# SCRIVENER Q: Pasting from Word to Scrivener - formatting



## Lyoung (Oct 21, 2013)

Hi All:

I've decided to give Scrivener a go since you can just have Scrivener do all the work re: formatting and creating your ebook.

However, when I cut and paste from a Word doc to a Scrivener text document, the alignment and formatting goes weird. I've hit "compile" as a tester and the indentation, paragraph breaks, etc. are all wrong.

I've Googled this, but I may not be inputting the correct search terms.

Does anyone know how to re-format Word doc pastes into Scrivener so that it'll come out ok in the end?

Thank you!


----------



## ShayneRutherford (Mar 24, 2014)

Don't paste. Import. It's much easier.


----------



## Lyoung (Oct 21, 2013)

ShayneRutherford said:


> Don't paste. Import. It's much easier.


What the what! Import? There is such a thing?

And this is why I'm a tech failure. I shall look into this.

Thank you!


----------



## CraigInOregon (Aug 6, 2010)

ShayneRutherford said:


> Don't paste. Import. It's much easier.


+1


----------



## ShayneRutherford (Mar 24, 2014)

I think it's under File, about halfway down. You can even tell it to split into chapters.


----------



## Lyoung (Oct 21, 2013)

ShayneRutherford said:


> I think it's under File, about halfway down. You can even tell it to split into chapters.


I did import, but the indentation is still very shallow.  Is Word's indentation not enough for Scrivener?


----------



## ShayneRutherford (Mar 24, 2014)

Lydia Young said:


> I did import, but the indentation is still very shallow.  Is Word's indentation not enough for Scrivener?


Just to clarify, do you want there to be a little indentation, or a big one, or not one?

IIRC, what you see indentation-wise in Scrivener is not indicative of what you see when you compile back out to Word.


----------



## ShayneRutherford (Mar 24, 2014)

Also, when you say 'so it will come out okay in the end', do you mean it will look okay in Scrivener while you're working on it? Or when you compile it to ebook when you're ready to publish?


----------



## Lyoung (Oct 21, 2013)

ShayneRutherford said:


> Also, when you say 'so it will come out okay in the end', do you mean it will look okay in Scrivener while you're working on it? Or when you compile it to ebook when you're ready to publish?


When it comes out in ebook format to publish.

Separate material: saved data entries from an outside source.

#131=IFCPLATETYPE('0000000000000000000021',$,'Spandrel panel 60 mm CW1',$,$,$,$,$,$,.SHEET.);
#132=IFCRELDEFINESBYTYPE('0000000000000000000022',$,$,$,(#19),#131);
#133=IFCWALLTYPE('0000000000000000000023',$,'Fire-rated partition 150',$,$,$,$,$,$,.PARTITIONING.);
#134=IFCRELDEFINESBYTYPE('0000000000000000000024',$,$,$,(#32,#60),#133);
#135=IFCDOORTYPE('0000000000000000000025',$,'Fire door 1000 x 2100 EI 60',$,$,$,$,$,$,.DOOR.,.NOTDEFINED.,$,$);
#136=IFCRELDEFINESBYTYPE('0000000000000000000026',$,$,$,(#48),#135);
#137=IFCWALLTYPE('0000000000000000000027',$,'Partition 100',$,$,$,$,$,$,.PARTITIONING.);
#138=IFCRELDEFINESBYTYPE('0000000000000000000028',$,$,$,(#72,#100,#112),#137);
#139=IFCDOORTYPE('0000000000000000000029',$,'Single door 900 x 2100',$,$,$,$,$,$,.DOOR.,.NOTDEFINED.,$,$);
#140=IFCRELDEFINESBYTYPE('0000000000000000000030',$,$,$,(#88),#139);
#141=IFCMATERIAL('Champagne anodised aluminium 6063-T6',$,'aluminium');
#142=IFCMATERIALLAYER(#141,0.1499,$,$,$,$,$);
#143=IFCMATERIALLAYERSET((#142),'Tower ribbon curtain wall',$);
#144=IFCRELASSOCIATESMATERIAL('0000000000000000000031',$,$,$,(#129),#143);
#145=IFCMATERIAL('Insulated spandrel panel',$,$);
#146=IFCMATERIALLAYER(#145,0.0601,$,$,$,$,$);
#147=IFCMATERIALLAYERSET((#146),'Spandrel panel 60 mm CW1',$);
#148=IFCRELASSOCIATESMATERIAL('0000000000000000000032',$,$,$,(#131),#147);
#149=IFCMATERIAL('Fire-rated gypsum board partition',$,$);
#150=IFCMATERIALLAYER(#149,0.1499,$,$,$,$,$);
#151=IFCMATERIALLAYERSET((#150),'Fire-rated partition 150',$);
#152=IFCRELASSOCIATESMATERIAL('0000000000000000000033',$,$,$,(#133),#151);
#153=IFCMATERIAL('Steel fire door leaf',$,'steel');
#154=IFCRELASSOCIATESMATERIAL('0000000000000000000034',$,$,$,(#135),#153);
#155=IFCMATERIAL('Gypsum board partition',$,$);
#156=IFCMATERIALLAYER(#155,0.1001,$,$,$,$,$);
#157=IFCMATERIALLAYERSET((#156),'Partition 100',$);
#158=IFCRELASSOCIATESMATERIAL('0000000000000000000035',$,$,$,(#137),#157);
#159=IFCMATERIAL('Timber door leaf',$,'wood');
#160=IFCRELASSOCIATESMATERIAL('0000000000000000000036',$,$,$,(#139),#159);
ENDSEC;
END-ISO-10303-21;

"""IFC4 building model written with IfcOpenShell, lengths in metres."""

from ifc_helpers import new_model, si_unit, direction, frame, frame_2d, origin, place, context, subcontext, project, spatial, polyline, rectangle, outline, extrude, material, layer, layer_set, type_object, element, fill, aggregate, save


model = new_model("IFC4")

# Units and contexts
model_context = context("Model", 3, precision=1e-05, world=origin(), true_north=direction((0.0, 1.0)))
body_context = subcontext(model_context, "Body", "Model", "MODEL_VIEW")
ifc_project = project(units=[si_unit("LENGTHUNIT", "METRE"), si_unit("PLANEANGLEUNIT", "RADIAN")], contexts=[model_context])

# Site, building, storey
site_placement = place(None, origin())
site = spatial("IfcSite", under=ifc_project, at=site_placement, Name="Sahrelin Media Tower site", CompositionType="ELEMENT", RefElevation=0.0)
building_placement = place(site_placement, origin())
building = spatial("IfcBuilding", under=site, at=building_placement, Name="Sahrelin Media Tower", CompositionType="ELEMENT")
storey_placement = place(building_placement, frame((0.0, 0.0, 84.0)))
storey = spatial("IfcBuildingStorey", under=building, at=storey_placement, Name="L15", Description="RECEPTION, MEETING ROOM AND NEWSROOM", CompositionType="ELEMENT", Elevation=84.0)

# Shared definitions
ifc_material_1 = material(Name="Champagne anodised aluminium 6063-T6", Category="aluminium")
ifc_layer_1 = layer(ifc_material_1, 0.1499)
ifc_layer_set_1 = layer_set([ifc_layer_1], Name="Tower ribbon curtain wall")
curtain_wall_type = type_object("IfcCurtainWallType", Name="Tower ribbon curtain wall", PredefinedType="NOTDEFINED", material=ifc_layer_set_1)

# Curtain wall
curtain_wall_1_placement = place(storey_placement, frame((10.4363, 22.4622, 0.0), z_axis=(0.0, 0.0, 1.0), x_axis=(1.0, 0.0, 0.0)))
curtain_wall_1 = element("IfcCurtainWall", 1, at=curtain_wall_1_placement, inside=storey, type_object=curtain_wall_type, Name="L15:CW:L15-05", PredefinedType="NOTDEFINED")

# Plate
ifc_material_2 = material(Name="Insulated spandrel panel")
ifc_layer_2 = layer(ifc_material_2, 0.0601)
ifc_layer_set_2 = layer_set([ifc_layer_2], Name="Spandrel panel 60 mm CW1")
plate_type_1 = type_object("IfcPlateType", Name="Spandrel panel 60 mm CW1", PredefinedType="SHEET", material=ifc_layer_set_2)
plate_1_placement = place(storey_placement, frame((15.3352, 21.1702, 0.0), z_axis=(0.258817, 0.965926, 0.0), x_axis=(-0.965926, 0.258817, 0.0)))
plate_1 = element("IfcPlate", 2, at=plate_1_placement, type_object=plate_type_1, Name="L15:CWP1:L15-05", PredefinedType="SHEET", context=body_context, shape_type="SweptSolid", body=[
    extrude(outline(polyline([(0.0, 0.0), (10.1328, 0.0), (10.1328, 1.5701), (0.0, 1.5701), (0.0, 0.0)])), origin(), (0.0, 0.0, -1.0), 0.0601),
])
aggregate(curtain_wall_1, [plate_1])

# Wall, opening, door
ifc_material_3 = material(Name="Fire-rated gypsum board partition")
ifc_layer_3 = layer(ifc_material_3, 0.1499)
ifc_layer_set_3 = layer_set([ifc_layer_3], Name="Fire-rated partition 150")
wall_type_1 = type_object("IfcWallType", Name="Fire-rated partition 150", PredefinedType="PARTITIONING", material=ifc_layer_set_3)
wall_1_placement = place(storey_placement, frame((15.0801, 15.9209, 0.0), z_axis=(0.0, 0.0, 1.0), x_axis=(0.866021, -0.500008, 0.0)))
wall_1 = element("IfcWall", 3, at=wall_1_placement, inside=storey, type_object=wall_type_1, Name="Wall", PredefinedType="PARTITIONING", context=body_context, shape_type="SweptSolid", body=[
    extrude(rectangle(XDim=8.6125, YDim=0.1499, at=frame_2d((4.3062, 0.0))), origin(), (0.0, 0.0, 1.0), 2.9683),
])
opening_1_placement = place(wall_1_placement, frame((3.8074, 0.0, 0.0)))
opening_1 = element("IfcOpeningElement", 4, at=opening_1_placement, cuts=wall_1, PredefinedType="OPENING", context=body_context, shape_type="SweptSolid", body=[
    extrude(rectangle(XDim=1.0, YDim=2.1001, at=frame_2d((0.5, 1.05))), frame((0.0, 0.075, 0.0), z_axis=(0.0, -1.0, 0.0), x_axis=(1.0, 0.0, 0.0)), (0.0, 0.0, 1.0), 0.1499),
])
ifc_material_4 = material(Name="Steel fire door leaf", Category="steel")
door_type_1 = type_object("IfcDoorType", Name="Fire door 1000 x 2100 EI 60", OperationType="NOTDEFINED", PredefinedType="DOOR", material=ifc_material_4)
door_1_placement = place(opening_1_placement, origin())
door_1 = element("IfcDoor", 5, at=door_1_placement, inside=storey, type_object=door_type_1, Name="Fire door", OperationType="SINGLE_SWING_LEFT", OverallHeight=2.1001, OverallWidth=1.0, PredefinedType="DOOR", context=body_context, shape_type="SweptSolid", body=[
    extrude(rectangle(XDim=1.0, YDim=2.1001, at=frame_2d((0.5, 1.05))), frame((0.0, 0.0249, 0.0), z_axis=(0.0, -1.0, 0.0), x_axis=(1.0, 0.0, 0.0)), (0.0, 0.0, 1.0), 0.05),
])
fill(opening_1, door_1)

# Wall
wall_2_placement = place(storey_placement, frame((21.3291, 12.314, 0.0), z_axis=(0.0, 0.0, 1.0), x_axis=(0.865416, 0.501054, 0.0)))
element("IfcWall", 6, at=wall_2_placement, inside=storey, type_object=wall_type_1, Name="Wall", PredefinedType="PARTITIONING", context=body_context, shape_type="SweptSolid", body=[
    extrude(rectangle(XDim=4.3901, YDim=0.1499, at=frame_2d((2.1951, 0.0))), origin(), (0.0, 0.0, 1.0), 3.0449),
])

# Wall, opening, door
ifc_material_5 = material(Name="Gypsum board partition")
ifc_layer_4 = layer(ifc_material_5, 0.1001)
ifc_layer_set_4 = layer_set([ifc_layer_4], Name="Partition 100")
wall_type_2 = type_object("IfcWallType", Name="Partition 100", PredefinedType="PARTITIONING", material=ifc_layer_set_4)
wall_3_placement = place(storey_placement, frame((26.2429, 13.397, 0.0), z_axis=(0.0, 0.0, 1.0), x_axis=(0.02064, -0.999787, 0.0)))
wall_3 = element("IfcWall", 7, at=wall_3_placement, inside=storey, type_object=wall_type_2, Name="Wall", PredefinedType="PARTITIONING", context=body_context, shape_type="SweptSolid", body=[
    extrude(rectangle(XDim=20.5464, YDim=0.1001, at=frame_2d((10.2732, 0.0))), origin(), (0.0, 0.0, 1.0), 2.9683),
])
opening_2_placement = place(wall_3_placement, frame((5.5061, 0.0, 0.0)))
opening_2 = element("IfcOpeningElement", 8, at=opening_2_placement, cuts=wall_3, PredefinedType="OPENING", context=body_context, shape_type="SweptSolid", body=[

That's pretty much the only reason why I'm using Scrivener.

In terms of indentation, I just would like normal indentation when it's compiled into ebook format (.epub or .mobi). Right now, when I compile it to .epub, the indentation is so shallow that it *almost* looks like there's no indentation.


----------



## ShayneRutherford (Mar 24, 2014)

I haven't used it for compiling to ebook yet, just RTF, but it's going to be similar. When you click compile there's a smaller menu and then a full menu where you can choose all your settings and page layout, etc. It's a tab at the top of the compile window thingy.


----------



## Thisiswhywecan&#039;thavenicethings (May 3, 2013)

Try this. Highlight and copy your Word document and then in Scrivener, select "paste and match style".


----------



## ShayneRutherford (Mar 24, 2014)

ReGina W said:


> Try this. Highlight and copy your Word document and then in Scrivener, select "paste and match style".


Scrivener's compile feature controls the way the output ebook looks. I don't think paste and match will effect the output product at all.

Instead, choose Compile > All Options > Formatting, and make your adjustments there.


----------



## Lyoung (Oct 21, 2013)

ReGina W said:


> Try this. Highlight and copy your Word document and then in Scrivener, select "paste and match style".


Unfortunately, that got rid of the indents altogether.

I am so doing something wrong. Ok, this is something to bring up during this weekend's writer's workshop! Hands on help for this hopeless tech person!

Thank you for your suggestion


----------



## Lyoung (Oct 21, 2013)

ShayneRutherford said:


> Scrivener's compile feature controls the way the output ebook looks. I don't think paste and match will effect the output product at all.
> 
> Instead, choose Compile > All Options > Formatting, and make your adjustments there.


Oh, ok! I'll try that! I just realized that cutting and pasting also got rid of my italics.


----------



## ShayneRutherford (Mar 24, 2014)

Lydia Young said:


> Oh, ok! I'll try that! I just realized that cutting and pasting also got rid of my italics.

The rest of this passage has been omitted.